Ceci n’est qu’un mot en courant pour vous mettre sur vos gardes. À demain des épreuves. J’insiste toujours pour le retour aux deux volumes, et plus que jamais. Nous ne pouvons éviter le morcellement, n’y ajoutons, pas le délaiement.

Je vous serre très cordialement la main.

V. H[1].


À Albert Lacroix.


Mercredi 12 février [1862].

Je vous félicite, vous et votre honorable associé, du retour aux deux volumes. L’obstacle au succès disparaît. C’était une idée funeste que ces trois volumes, vous l’aviez couvée bien malgré moi, mais votre excellent bon sens vous fait revenir à la vérité, et je vous félicite. Rien n’était fait encore ; quant au papier épais, d’abord faites votre mea culpa, c’est votre faute ; ensuite réjouissez-vous, vous vous en tirez à bon marché. Je continue de croire de plus en plus aux cinq parties, elles se dessinent très distinctement. N’appelez pourtant pas cela une promesse, ce ne peut être un engagement, mais vous connaissez mon absolue bonne volonté, et je crois être sûr qu’il y aura cinq parties.

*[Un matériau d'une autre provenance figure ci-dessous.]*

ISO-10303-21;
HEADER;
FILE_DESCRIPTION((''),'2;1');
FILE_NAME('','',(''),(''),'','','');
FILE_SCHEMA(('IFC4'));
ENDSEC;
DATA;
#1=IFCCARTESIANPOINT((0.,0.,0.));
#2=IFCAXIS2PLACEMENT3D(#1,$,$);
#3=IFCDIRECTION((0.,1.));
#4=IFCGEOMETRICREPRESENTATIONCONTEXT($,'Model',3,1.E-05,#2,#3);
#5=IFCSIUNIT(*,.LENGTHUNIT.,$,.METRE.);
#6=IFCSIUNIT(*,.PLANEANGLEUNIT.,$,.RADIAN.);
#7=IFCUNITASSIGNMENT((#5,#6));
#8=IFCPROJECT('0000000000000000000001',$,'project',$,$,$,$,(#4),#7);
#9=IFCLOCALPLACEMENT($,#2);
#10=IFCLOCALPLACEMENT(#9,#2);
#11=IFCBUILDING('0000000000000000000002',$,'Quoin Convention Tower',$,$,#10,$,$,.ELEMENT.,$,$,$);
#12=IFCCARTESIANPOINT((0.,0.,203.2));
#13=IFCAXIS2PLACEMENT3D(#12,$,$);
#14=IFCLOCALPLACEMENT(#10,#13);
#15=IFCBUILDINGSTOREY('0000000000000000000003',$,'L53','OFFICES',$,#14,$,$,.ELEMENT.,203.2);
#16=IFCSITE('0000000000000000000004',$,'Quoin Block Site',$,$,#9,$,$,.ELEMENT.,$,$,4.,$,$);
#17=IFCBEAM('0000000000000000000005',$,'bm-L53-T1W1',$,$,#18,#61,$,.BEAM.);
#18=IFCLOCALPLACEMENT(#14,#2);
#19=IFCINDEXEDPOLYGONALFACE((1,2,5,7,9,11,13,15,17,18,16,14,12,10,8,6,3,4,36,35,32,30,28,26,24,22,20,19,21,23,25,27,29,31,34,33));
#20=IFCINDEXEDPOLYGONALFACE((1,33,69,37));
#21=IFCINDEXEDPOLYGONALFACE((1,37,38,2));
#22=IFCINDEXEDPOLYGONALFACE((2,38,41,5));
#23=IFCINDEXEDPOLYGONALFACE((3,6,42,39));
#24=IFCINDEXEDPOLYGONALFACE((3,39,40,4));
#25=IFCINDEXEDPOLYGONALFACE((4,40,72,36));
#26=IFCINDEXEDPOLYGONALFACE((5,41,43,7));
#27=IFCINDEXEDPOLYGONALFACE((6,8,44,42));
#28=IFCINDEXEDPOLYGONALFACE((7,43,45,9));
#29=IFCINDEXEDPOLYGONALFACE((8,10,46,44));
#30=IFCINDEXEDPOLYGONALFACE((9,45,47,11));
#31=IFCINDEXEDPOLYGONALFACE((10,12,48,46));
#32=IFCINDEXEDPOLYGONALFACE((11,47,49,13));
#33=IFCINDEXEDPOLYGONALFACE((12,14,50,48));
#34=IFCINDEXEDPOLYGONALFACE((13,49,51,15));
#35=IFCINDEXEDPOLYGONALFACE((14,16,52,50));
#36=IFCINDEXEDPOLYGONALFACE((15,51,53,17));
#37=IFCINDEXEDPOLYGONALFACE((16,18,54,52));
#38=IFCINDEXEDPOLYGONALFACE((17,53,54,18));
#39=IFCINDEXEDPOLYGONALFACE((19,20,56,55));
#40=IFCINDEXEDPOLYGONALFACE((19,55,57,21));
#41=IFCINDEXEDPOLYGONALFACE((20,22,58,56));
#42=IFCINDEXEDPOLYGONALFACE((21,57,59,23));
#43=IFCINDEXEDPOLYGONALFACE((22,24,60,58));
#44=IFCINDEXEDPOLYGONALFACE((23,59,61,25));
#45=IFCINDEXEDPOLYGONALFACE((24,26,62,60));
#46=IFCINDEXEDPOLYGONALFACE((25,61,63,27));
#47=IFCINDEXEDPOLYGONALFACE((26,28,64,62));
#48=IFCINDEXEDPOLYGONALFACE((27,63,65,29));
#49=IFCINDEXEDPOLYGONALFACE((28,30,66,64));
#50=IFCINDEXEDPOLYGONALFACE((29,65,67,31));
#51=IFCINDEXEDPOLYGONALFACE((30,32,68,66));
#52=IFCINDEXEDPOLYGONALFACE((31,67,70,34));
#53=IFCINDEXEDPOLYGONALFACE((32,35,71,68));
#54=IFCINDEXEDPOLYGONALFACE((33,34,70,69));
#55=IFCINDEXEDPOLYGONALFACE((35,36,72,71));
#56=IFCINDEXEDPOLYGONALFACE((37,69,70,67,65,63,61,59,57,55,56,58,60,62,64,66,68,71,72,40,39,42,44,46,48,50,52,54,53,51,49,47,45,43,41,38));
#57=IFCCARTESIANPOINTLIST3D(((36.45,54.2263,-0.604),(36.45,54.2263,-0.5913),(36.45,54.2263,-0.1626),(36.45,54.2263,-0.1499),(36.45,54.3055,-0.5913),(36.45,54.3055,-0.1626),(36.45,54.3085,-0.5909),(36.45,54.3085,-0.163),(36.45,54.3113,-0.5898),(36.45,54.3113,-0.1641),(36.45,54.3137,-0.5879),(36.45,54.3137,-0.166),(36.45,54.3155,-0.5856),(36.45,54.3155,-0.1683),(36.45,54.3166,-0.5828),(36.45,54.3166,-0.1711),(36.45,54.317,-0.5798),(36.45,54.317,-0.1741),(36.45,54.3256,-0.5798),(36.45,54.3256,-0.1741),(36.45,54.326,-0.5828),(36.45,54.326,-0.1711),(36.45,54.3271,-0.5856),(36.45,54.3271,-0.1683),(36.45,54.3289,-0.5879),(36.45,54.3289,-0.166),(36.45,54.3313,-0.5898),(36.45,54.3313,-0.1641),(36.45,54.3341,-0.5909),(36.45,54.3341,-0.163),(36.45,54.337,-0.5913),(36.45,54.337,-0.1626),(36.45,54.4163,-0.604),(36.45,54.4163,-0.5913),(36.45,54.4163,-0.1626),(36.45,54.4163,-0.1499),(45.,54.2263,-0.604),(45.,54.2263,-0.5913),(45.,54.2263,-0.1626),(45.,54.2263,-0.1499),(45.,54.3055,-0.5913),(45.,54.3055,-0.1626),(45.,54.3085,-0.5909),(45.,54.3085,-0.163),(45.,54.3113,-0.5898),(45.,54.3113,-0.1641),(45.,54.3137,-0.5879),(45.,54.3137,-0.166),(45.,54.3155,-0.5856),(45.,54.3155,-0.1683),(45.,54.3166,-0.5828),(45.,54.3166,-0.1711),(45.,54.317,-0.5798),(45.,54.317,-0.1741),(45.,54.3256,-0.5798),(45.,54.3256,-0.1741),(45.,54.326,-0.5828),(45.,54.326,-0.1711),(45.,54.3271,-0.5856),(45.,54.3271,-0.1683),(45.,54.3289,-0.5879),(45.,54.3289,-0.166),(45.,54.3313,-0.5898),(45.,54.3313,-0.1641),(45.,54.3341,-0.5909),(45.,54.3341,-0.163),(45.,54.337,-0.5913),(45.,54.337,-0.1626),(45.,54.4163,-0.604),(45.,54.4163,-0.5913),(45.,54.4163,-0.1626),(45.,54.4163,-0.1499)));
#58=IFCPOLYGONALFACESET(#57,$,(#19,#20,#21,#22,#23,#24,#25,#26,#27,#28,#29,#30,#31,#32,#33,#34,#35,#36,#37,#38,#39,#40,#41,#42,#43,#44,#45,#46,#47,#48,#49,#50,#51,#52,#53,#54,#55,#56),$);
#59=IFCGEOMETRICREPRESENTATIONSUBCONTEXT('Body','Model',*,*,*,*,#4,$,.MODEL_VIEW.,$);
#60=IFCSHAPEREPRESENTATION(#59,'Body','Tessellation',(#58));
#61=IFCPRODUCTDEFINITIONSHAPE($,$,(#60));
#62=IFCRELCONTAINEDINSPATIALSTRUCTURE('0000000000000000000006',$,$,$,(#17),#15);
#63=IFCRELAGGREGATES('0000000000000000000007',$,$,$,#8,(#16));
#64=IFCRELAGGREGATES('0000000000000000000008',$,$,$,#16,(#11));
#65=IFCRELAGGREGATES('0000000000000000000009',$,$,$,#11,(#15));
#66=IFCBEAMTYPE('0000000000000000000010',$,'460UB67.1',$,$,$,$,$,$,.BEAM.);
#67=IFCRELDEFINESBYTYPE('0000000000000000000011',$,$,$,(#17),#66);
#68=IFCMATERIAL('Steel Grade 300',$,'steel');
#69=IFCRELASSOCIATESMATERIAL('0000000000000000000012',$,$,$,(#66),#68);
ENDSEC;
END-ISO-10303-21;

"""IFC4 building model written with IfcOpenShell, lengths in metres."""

from ifc_helpers import new_model, si_unit, direction, frame, origin, origin_2d, place, context, subcontext, project, spatial, i_section, extrude, material, material_profile, profile_set, type_object, element, save


model = new_model("IFC4")

# Units and contexts
model_context = context("Model", 3, precision=1e-05, world=origin(), true_north=direction((0.0, 1.0)))
body_context = subcontext(model_context, "Body", "Model", "MODEL_VIEW")
ifc_project = project(units=[si_unit("LENGTHUNIT", "METRE"), si_unit("PLANEANGLEUNIT", "RADIAN")], contexts=[model_context])

# Site, building, storey
site_placement = place(None, origin())
site = spatial("IfcSite", under=ifc_project, at=site_placement, Name="Quoin Block Site", CompositionType="ELEMENT", RefElevation=4.0)
building_placement = place(site_placement, origin())
building = spatial("IfcBuilding", under=site, at=building_placement, Name="Quoin Convention Tower", CompositionType="ELEMENT")
storey_placement = place(building_placement, frame((0.0, 0.0, 203.2)))
storey = spatial("IfcBuildingStorey", under=building, at=storey_placement, Name="L53", Description="OFFICES", CompositionType="ELEMENT", Elevation=203.2)

# Beam
ifc_material_1 = material(Name="Steel Grade 300", Category="steel")
ifc_material_profile = material_profile(ifc_material_1, i_section(OverallWidth=0.1899, OverallDepth=0.4541, WebThickness=0.0085, FlangeThickness=0.0127, FilletRadius=0.0115, at=origin_2d()), Name="460UB67.1")
ifc_profile_set = profile_set([ifc_material_profile], Name="Steel Grade 300")
beam_type = type_object("IfcBeamType", Name="460UB67.1", PredefinedType="BEAM", material=ifc_profile_set)
beam_placement = place(storey_placement, frame((36.45, 54.3213, -0.377), z_axis=(1.0, 0.0, 0.0), x_axis=(0.0, 1.0, 0.0)))
element("IfcBeam", 1, at=beam_placement, inside=storey, type_object=beam_type, Name="bm-L53-T1W1", PredefinedType="BEAM", context=body_context, shape_type="SweptSolid", body=[
    extrude(i_section(OverallWidth=0.1899, OverallDepth=0.4541, WebThickness=0.0085, FlangeThickness=0.0127, FilletRadius=0.0115, at=origin_2d()), origin(), (0.0, 0.0, 1.0), 8.55),
])

save(model, "model.ifc")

Maintenant, c’est à vous, cher monsieur Lacroix, que je m’adresse spécialement.

Tu quoque ! vous aussi, vous-même, noble et rare esprit, vous voyez la

  1. Publiée en partie dans Les Misérables. Historique. Édition de l’Imprimerie Nationale. — Correspondance relative aux Misérables. — Bibliothèque Nationale.